Дѣло тянулось долго.105 Послѣ допроса свидѣтелей и переговоровъ ихъ съ подсудимыми, осмотра вещественныхъ доказательствъ предсѣдатель объявилъ слѣдствіе оконченнымъ, и прокуроръ началъ свою рѣчь. Онъ долго говорилъ непонятнымъ языкомъ, употребляя всѣ силы на то, чтобы ухудшить положеніе обвиняемыхъ, въ особенности Масловой. Онъ доказывалъ то, что Маслова, очевидно тогда же, когда пріѣзжала за деньгами, рѣшила ограбить купца и съ этой цѣлью поила его въ домѣ терпимости и съ этой цѣлью пріѣхала опять. Послѣ прокурора долго говорил[и] защитник[и]. Сначала говорилъ нанятый адвокатъ, оправдывая Евфимію, потомъ одинъ, назначенный судомъ, кандидатъ на судебныя должности, защищая Симона, и другой, недавно кончившій студентъ, защищавшій Маслову, громоздко, глупо доказывалъ, что она не имѣла намѣренія отравить и перстень взяла въ пьяномъ состояніи.106

Прокуроръ не оставилъ рѣчи адвокатовъ безъ отвѣта и опровергъ ихъ доводы: это были злодѣи, опасные для общества, въ особенности Маслова. Потомъ предложено было подсудимымъ оправдываться. Евфимія долго говорила. Симонъ сказалъ: «безвинный, напрасно». Катерина хотѣла что то сказать, но не выговорила и заплакала. Когда Катюша заплакала, Нехлюдовъ не могъ и самъ удержаться и такъ громко сталъ сдерживать рыданія, что сосѣди оглянулись на него.

Послѣ этаго и еще нѣкоторыхъ формальностей утвержденія вопросовъ Предсѣдатель сказалъ свое резюме. Онъ объяснилъ, въ чемъ обвиняются, что есть грабежъ, что есть убійство и т. п., потомъ сказалъ о правѣ присяжныхъ и значеніи ихъ приговора.

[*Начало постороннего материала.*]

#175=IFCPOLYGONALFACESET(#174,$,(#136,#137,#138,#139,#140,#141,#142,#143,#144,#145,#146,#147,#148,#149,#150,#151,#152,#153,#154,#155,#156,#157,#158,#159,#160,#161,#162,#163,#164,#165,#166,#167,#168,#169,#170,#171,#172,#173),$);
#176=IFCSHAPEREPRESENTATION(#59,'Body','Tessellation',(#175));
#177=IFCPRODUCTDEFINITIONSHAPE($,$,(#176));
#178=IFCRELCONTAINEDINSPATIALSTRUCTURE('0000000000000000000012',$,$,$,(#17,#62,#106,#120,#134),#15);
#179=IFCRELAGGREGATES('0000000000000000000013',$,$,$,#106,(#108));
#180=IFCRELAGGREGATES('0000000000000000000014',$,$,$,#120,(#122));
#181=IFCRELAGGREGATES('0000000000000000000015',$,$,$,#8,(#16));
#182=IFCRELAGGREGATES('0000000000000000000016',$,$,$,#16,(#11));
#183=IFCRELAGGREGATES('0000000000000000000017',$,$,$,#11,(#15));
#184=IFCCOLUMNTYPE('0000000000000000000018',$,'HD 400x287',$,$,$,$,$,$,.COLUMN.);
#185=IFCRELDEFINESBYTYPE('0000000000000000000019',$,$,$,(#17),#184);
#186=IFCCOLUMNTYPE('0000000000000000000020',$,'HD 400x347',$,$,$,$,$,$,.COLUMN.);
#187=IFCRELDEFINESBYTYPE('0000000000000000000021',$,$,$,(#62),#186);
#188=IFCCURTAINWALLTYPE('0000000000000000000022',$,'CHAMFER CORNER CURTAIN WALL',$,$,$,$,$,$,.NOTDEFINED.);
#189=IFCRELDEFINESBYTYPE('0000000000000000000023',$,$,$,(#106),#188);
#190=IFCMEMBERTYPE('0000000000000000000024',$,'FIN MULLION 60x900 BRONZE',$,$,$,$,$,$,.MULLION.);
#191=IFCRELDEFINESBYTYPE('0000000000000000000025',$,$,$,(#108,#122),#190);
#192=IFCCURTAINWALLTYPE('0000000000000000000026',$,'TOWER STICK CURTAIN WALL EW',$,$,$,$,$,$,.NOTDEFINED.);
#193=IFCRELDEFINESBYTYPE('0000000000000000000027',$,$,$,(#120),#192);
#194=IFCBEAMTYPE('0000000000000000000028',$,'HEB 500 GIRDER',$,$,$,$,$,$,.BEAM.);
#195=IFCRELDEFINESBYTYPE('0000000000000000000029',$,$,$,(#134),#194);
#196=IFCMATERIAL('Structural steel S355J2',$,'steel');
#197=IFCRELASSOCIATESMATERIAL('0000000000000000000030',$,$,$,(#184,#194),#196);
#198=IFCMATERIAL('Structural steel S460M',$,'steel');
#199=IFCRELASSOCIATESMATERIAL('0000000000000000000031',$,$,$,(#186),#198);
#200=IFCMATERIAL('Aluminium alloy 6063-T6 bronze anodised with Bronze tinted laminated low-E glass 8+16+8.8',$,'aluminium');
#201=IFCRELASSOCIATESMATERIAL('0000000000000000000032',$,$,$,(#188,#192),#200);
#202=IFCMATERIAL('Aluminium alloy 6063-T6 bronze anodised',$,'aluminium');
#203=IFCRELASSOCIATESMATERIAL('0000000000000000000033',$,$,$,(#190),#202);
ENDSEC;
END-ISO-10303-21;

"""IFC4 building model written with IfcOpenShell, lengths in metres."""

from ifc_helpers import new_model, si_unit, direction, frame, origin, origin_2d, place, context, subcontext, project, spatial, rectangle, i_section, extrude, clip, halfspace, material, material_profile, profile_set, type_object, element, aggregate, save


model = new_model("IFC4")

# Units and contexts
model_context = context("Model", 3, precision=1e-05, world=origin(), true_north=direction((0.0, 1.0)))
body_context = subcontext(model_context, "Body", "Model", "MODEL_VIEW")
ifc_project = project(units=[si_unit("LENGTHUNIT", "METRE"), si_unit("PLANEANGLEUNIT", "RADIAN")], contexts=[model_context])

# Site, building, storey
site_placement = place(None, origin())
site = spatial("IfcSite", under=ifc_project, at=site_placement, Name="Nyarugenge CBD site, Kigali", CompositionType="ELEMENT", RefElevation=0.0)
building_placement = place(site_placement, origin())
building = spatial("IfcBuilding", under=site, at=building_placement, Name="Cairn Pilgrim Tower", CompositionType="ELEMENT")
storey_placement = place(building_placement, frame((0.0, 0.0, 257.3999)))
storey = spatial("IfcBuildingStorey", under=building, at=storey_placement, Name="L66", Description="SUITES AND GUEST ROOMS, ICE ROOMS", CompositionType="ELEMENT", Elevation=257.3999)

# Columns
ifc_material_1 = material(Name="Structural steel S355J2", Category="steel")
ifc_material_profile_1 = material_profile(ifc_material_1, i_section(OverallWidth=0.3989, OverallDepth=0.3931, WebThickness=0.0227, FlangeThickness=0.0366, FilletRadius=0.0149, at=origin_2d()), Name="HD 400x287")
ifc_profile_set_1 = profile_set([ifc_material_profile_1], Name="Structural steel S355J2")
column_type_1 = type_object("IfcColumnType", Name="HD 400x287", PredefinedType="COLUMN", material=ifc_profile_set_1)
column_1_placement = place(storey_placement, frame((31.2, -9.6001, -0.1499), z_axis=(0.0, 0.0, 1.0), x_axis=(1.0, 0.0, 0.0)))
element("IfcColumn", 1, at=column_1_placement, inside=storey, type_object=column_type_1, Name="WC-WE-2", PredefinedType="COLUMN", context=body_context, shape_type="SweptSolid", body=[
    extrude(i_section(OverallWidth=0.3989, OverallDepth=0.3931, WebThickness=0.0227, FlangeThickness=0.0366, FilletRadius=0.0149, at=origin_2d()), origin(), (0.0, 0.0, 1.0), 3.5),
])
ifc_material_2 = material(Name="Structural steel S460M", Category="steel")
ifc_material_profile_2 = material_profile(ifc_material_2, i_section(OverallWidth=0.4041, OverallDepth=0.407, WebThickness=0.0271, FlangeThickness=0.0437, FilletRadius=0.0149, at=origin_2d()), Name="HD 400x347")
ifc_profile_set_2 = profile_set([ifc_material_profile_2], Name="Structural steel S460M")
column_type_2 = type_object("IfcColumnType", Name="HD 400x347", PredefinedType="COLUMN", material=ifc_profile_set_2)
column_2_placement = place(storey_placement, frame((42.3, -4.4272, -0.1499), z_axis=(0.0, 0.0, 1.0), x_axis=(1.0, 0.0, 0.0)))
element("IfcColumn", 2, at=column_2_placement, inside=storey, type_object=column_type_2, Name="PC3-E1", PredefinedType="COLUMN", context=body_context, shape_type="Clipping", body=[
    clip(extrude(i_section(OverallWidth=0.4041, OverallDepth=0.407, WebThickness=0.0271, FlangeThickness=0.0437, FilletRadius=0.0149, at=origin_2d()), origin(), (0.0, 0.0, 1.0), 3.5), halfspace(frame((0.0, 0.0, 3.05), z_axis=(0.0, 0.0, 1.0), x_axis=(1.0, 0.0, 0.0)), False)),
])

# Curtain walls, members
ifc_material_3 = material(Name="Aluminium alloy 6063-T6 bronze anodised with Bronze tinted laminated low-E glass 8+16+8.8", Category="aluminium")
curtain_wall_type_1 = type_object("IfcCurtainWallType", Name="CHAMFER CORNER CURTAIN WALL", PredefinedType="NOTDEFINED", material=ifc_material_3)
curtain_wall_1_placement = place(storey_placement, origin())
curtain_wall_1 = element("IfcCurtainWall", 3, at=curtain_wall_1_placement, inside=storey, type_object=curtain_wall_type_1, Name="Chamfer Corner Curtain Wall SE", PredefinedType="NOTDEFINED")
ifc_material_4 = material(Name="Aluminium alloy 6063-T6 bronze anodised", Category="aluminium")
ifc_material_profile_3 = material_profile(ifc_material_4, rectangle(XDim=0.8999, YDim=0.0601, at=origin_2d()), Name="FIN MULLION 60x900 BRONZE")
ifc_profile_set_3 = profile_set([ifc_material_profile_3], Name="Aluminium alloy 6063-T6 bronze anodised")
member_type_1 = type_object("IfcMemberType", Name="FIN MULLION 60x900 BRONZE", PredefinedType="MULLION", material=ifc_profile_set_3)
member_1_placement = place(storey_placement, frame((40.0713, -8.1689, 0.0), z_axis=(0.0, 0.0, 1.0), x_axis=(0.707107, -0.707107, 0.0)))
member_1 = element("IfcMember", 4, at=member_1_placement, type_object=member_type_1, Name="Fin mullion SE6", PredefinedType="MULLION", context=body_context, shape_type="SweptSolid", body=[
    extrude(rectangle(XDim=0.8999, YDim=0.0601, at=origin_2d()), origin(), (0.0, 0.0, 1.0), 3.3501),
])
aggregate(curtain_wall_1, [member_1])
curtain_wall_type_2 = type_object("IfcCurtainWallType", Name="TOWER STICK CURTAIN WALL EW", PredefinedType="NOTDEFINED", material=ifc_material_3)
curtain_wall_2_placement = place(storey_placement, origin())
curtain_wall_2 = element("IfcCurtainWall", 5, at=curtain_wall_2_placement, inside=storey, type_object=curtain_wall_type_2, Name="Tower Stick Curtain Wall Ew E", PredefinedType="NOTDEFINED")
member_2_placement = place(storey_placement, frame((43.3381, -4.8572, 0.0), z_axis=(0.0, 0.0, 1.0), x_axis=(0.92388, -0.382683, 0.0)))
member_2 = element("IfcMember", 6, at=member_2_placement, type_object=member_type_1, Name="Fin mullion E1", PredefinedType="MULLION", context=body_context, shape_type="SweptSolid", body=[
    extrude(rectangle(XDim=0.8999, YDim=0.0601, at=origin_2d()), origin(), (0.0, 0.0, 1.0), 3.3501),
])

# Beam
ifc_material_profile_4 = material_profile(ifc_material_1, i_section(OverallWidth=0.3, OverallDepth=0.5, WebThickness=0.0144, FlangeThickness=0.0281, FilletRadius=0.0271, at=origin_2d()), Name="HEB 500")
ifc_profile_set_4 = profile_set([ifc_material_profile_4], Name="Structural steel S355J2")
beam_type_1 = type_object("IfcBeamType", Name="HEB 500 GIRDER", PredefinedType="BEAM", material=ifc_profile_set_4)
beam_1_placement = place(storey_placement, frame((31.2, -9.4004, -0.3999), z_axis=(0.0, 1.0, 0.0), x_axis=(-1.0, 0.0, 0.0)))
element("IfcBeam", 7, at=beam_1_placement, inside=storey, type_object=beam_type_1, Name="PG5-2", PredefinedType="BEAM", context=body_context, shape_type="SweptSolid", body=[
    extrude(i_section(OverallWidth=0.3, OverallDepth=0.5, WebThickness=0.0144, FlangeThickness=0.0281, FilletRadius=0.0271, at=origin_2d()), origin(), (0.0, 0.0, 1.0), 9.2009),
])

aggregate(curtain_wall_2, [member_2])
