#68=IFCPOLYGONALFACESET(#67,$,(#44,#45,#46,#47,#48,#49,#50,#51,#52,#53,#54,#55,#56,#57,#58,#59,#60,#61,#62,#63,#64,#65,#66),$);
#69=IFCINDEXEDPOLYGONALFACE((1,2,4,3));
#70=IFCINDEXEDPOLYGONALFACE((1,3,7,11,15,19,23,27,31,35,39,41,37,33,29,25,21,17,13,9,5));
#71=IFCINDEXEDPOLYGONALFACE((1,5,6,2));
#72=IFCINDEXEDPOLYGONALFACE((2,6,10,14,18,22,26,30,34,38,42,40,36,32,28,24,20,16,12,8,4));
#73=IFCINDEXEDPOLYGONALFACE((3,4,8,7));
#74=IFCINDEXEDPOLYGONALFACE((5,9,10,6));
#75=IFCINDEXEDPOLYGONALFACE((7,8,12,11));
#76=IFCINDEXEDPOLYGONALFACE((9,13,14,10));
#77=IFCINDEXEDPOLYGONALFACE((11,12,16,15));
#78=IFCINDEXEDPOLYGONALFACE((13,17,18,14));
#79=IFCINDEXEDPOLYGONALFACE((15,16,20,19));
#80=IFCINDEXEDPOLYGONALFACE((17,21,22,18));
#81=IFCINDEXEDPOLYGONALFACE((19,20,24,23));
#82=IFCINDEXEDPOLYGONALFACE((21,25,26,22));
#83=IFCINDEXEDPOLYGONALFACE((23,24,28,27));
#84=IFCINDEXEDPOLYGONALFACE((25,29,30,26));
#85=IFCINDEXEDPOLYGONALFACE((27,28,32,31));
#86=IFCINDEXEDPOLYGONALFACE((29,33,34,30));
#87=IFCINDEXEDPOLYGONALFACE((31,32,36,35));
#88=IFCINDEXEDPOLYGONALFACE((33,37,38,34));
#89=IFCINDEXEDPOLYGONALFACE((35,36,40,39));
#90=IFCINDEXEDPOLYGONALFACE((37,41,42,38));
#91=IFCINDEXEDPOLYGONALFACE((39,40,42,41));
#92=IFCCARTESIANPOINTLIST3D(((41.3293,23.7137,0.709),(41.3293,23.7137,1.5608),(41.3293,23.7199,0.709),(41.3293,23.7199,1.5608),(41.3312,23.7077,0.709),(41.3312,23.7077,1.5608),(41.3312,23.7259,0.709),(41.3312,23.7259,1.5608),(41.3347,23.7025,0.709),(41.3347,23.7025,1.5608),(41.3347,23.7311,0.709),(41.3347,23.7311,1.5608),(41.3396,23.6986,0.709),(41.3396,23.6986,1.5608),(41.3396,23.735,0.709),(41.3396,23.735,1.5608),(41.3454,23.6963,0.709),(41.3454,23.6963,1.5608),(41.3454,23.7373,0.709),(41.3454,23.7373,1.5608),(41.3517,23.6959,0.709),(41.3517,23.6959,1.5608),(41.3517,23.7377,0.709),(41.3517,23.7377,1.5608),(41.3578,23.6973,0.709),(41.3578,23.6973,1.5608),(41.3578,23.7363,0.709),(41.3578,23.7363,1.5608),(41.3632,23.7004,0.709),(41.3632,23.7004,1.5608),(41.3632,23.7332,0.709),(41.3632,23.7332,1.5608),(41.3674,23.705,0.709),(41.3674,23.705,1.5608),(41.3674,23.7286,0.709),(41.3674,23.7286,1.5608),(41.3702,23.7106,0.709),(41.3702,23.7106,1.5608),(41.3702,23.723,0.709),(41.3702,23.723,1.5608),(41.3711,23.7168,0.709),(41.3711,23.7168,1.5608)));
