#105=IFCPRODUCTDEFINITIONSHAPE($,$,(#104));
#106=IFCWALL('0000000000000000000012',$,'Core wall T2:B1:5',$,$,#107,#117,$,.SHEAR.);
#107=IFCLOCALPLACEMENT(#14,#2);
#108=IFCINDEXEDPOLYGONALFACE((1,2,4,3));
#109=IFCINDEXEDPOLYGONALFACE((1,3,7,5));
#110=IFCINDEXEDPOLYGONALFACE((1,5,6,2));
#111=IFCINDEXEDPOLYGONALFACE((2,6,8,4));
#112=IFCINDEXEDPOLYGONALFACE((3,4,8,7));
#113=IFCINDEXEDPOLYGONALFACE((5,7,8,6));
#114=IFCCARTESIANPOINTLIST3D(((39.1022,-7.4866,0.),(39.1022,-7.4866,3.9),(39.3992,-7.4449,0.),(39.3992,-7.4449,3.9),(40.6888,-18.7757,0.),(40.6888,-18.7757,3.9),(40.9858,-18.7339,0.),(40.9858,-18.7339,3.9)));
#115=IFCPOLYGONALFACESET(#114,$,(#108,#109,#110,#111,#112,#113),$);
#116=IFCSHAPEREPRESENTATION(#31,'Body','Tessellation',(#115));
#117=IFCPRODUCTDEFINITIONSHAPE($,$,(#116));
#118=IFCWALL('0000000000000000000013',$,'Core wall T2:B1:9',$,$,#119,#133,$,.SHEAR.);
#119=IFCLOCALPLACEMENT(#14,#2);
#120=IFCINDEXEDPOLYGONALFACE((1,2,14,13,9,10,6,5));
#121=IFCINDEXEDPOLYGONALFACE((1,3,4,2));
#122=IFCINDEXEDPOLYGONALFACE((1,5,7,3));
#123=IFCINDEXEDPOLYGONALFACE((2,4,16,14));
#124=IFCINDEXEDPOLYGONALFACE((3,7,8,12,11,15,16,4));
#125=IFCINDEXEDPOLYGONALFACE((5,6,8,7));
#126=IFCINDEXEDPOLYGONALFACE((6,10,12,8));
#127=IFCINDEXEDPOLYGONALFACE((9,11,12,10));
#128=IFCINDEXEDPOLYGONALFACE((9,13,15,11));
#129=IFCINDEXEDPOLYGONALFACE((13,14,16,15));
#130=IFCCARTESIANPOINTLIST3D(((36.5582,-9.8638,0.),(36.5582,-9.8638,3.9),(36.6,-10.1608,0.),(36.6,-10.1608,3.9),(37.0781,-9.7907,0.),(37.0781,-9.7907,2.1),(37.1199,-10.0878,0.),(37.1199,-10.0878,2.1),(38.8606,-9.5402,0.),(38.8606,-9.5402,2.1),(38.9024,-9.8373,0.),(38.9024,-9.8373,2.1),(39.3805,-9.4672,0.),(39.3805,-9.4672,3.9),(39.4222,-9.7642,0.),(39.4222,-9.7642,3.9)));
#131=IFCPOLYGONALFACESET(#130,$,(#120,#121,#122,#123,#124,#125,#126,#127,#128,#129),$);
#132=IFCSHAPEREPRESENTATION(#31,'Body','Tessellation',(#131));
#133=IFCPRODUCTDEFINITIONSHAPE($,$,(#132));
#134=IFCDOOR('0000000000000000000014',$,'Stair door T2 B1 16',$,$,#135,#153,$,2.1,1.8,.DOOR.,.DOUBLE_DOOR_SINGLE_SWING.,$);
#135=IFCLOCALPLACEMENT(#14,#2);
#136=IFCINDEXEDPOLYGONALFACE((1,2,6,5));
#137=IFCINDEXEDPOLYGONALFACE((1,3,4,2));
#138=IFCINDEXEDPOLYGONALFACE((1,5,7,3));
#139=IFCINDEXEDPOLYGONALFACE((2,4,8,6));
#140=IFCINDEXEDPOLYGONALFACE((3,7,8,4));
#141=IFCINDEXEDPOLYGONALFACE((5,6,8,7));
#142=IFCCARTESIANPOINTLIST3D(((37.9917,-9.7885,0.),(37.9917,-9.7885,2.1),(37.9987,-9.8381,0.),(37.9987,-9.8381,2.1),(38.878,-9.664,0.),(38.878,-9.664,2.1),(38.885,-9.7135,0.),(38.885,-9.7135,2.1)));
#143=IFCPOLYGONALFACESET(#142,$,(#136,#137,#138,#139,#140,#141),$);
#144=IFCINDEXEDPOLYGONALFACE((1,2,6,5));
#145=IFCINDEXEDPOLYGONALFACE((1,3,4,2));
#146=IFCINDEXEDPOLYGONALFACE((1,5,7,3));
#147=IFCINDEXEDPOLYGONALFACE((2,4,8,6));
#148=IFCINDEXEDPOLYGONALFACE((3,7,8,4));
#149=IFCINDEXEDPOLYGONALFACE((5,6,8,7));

Все было прекрасно, но не было именно того, что хотѣли представить судьи, не было ни справедливости, ни здраваго смысла. Не было справедливости потому, что если были кто виноваты въ этомъ дѣлѣ, то были виноваты прежде всего тѣ Розановы, которые держали такіе дома, тѣ купцы, которые ѣздили въ нихъ, тѣ чиновники, то правительство, которое признавало и регулировало ихъ, и, главное, тѣ люди, которые, какъ Нехлюдовъ, приготавливали товаръ въ эти дома. Но никого изъ этихъ виновныхъ не судили, даже не обвиняли, а обвиняли тѣхъ несчастныхъ, которые приведены почти насильно въ такое положеніе, въ которомъ они дѣйствительно невмѣняемы.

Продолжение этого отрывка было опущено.